Good News: The Giant Panda Is No Longer An Endangered Species
The giant panda is now officially no longer an endangered species. International Union for Conservation of Nature Red List of Threatened Species, which assesses a species’ conservation status, has downgraded giant panda from “Endangered” to “Vulnerable”, following a 17 percent increase in population over the past 10 years.
It’s an incredible change of fate for a species that was in such dire straits in 2009 that experts were predicting it could become extinct within three generations.
A nationwide census in 2014 found 1,864 giant pandas in the wild in China, up from 1,596 in 2004, the IUCN said in its report on the animal.
In 2006, scientists reported that the number of pandas living in the wild may have been underestimated at about 1,000. Previous population surveys had used conventional methods to estimate the size of the wild panda population, but using a new method that analyzes DNA from panda droppings, scientists believe the wild population may be as large as 3,000. Although the species has been reclassified to “vulnerable” since 2016, the conservation efforts are thought to be working.

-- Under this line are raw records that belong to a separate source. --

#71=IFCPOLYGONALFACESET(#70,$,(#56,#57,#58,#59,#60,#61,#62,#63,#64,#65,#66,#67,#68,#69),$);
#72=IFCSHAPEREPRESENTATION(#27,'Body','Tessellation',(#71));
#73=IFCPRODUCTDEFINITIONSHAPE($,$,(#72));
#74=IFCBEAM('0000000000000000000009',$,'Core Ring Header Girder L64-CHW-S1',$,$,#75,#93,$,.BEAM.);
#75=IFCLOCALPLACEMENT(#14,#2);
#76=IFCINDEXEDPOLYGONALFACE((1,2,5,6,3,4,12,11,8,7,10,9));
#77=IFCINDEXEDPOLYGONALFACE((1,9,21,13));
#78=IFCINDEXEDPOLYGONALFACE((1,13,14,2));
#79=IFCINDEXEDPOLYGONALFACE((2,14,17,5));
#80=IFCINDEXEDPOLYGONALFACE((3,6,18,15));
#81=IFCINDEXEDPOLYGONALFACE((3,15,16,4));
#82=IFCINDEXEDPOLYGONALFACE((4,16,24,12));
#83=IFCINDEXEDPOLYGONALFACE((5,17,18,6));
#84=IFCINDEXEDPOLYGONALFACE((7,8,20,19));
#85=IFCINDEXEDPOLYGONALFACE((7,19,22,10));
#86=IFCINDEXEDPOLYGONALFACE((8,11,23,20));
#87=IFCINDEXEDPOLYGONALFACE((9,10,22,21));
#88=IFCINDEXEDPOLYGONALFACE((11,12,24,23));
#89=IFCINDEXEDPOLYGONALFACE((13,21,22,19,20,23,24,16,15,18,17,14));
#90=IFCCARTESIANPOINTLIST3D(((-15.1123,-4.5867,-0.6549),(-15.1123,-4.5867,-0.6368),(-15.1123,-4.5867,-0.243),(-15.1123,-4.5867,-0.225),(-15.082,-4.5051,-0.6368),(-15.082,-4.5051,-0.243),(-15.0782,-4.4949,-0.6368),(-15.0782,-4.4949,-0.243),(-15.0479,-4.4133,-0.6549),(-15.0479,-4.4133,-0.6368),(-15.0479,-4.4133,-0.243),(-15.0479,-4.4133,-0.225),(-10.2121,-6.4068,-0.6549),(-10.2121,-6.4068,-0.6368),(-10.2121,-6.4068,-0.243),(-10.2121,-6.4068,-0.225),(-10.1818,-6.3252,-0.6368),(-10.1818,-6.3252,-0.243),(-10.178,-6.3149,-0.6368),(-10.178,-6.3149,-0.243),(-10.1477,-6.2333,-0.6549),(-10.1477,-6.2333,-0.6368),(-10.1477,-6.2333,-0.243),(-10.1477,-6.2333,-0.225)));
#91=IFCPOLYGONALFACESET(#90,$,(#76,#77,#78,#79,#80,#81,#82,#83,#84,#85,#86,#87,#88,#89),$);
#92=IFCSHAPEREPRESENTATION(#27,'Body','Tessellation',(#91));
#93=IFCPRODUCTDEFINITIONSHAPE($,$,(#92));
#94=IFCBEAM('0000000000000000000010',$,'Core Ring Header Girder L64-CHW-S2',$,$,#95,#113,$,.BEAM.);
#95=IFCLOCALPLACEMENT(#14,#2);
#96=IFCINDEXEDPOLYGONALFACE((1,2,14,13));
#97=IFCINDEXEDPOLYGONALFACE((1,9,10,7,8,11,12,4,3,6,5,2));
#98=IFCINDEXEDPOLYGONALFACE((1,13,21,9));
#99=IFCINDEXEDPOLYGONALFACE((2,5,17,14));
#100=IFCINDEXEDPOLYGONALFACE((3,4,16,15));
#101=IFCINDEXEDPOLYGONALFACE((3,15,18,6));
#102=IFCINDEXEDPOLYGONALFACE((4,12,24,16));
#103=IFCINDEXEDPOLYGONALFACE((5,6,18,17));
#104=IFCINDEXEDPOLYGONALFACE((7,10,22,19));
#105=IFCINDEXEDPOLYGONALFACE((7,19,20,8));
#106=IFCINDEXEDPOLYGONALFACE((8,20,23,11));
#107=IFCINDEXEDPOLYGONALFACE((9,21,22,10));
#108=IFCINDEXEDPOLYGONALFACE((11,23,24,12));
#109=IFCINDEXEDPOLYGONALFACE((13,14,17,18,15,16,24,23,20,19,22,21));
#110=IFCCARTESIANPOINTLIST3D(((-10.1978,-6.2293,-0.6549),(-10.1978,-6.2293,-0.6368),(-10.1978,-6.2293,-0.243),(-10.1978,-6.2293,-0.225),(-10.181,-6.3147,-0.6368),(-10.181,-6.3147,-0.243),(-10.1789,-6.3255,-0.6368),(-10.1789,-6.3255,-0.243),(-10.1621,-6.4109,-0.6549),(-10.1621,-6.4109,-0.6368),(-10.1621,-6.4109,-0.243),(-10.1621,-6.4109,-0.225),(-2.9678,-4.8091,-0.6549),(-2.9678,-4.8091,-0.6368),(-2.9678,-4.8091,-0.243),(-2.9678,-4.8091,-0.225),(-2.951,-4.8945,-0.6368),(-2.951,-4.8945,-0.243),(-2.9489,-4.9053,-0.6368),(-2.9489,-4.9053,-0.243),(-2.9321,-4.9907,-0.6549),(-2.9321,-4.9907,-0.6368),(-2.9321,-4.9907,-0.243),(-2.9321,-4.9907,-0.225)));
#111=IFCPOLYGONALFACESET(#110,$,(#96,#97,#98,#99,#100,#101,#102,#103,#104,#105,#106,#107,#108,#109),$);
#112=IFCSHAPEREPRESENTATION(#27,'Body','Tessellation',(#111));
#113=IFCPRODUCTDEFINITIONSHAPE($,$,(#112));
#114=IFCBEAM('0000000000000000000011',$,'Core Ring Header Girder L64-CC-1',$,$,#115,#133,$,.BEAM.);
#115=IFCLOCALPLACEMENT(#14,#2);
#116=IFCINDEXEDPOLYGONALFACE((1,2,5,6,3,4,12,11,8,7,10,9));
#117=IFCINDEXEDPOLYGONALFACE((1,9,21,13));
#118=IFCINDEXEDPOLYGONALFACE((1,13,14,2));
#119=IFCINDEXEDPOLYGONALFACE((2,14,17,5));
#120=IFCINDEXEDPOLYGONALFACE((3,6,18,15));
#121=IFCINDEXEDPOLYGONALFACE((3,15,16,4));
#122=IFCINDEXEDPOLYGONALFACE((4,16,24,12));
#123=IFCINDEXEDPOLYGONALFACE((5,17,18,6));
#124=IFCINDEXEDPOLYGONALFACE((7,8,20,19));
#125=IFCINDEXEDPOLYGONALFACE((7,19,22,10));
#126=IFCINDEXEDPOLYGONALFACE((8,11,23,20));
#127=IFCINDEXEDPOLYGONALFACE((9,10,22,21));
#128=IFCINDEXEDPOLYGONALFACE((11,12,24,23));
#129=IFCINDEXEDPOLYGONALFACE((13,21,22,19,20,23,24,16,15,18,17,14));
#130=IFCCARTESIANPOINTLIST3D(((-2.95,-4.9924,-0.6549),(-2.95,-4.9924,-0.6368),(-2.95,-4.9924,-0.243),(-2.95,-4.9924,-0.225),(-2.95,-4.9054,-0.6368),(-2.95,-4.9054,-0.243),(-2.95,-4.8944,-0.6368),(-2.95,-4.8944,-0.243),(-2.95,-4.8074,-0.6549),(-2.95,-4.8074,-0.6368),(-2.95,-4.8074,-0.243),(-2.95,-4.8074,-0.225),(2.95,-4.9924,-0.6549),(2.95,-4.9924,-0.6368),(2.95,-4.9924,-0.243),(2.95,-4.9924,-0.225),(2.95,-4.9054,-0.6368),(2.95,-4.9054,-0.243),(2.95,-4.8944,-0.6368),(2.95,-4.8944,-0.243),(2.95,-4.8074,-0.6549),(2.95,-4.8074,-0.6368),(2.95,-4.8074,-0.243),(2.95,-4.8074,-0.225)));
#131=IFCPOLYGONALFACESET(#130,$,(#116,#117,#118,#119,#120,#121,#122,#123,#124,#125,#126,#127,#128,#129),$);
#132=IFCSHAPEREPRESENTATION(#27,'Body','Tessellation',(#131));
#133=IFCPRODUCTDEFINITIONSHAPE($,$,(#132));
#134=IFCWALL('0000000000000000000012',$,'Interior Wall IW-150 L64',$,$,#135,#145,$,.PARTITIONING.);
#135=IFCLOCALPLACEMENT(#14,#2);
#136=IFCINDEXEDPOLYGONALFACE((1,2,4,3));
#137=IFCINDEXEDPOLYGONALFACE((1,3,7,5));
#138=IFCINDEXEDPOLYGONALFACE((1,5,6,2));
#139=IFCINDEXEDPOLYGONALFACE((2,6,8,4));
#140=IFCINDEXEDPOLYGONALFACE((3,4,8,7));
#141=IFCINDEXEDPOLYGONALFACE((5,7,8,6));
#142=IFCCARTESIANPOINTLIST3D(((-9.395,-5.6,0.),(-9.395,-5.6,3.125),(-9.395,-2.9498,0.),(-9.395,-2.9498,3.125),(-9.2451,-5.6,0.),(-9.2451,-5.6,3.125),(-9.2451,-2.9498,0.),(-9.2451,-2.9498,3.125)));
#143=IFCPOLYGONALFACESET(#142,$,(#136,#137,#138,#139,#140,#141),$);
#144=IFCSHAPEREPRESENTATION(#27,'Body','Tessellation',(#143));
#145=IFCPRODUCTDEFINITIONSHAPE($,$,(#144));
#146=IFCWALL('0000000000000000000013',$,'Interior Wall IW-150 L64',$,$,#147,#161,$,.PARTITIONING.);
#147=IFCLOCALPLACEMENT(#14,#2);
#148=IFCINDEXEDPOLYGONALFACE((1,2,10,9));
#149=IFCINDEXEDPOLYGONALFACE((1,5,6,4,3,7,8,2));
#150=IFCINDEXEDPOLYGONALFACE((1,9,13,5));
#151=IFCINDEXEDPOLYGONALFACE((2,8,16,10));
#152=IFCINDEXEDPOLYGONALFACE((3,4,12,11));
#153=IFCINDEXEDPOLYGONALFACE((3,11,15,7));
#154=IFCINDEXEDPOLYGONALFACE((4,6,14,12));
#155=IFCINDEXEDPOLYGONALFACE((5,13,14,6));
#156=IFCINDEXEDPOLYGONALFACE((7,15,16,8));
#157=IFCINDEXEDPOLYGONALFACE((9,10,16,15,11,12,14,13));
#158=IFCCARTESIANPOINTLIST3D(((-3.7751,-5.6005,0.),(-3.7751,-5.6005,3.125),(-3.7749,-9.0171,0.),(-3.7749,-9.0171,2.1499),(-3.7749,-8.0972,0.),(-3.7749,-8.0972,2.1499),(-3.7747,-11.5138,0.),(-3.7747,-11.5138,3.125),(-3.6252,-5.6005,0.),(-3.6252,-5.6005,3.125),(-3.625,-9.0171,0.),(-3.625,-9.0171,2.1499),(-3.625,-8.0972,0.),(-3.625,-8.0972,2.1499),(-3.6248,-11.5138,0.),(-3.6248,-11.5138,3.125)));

The giant panda has been a target of poaching by locals since ancient times and by foreigners since it was introduced to the West. Starting in the 1930s, foreigners were unable to poach giant pandas in China because of the Second Sino-Japanese War and the Chinese Civil War, but pandas remained a source of soft furs for the locals. The population boom in China after 1949 created stress on the pandas’ habitat, and the subsequent famines led to the increased hunting of wildlife, including pandas. During the Cultural Revolution, all studies and conservation activities on the pandas were stopped. After the Chinese economic reform, demand for panda skins from Hong Kong and Japan led to illegal poaching for the black market.

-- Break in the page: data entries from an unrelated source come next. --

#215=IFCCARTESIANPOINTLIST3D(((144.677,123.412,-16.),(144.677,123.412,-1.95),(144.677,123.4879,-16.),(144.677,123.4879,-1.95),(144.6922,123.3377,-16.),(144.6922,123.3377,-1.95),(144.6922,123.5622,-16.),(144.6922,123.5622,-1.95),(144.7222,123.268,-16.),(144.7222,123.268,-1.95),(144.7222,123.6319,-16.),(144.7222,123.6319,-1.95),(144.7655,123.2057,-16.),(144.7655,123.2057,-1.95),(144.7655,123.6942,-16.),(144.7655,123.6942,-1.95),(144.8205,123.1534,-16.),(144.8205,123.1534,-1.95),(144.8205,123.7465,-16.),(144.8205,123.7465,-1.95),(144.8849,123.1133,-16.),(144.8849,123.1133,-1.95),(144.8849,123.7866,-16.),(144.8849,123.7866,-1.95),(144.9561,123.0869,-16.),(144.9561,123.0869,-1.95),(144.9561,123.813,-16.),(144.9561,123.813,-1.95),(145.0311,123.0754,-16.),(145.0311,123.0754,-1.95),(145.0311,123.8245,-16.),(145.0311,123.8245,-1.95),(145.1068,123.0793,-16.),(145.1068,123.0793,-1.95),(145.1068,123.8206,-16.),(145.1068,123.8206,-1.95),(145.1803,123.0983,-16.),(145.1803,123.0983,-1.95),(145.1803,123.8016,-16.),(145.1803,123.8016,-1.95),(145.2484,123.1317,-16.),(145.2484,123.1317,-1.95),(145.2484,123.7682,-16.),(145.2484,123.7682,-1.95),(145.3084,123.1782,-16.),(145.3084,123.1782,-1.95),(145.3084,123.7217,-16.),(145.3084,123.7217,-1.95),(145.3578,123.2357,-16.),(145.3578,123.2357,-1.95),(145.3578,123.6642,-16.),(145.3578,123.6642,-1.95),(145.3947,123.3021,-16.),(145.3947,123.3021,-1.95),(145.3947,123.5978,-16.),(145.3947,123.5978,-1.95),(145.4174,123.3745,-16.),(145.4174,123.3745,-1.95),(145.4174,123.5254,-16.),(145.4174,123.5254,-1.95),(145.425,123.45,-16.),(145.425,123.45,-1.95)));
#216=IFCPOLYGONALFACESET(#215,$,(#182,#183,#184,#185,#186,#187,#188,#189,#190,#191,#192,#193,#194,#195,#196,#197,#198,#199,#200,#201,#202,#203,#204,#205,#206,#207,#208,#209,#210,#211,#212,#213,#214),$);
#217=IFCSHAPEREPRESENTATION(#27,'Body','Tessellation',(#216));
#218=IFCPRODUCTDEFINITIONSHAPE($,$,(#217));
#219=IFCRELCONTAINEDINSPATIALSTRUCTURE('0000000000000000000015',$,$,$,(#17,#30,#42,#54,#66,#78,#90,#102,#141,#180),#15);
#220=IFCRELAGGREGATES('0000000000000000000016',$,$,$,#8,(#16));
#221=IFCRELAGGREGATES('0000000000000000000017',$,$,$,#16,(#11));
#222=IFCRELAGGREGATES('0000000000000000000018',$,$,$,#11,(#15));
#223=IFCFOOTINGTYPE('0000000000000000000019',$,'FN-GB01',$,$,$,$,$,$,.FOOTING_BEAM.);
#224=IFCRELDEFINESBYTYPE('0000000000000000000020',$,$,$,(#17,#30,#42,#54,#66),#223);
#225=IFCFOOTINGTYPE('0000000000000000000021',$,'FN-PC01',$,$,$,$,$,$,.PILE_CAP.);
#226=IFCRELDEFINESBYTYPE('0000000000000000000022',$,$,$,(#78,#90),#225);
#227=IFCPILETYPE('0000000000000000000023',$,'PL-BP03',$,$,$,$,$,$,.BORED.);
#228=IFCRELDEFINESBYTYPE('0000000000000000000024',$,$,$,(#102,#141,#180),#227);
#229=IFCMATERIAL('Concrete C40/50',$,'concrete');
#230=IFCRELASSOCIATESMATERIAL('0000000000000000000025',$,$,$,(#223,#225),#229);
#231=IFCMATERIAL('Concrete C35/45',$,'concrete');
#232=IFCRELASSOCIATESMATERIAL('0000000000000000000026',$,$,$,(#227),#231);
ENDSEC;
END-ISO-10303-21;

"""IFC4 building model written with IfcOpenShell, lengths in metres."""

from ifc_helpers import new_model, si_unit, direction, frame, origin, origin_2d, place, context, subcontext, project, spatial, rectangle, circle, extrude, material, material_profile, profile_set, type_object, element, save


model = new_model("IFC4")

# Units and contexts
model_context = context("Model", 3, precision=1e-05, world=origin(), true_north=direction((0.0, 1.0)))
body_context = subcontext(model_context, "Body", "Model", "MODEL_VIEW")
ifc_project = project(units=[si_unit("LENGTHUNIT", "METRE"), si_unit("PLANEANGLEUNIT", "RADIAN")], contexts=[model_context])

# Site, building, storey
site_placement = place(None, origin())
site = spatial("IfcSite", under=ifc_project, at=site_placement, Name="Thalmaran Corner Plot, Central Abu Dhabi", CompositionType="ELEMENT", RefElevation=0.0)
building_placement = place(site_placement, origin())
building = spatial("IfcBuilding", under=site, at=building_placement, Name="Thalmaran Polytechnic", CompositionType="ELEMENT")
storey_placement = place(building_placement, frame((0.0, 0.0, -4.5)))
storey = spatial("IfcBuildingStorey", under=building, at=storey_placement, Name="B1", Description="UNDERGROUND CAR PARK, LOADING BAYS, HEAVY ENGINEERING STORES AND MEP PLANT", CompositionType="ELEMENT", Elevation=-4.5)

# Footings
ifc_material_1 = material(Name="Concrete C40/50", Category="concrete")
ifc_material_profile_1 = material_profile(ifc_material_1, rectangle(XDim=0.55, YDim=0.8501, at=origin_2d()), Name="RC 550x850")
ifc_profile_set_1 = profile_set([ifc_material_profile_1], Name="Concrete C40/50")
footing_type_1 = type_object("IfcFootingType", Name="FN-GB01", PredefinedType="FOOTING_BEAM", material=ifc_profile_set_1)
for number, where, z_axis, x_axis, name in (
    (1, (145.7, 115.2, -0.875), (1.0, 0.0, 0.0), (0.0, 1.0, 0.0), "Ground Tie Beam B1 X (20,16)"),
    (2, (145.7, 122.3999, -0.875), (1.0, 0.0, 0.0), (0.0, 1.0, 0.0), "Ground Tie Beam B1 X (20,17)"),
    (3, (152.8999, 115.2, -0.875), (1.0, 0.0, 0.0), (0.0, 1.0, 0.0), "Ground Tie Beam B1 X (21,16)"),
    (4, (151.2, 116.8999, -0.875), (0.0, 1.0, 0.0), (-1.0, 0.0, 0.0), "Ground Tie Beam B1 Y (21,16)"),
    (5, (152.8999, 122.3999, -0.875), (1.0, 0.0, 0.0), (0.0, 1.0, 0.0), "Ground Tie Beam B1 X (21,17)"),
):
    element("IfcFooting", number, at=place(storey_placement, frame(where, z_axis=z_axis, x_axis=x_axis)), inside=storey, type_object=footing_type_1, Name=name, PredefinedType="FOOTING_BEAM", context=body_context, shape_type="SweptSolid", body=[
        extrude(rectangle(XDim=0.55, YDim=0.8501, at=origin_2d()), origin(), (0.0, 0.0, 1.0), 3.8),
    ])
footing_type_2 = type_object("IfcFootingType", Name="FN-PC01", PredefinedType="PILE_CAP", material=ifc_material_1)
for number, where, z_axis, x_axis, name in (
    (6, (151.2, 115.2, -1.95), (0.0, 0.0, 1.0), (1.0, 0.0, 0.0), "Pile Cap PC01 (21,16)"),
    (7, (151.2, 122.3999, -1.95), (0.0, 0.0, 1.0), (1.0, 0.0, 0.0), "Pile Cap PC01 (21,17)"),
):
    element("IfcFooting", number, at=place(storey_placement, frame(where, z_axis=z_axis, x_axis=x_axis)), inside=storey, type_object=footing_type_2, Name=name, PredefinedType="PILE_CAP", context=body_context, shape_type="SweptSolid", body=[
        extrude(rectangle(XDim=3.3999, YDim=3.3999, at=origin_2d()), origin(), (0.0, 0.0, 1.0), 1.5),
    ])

Now, they are getting raised in captivities, but those are like their natural habitat. The chinese government is also helping to protect them by investing much to restore them in the wild then these pandas are bein adopted as pets by many. They are given sufficient food, treatment, activities to do in captivities. Since the rate of reproduction among pandas is slow, it will take some more time to fully accomplish the goals of increasing panadas.
But this is indeed a good news, we hope we get to hear these kind of news about other endangered species too.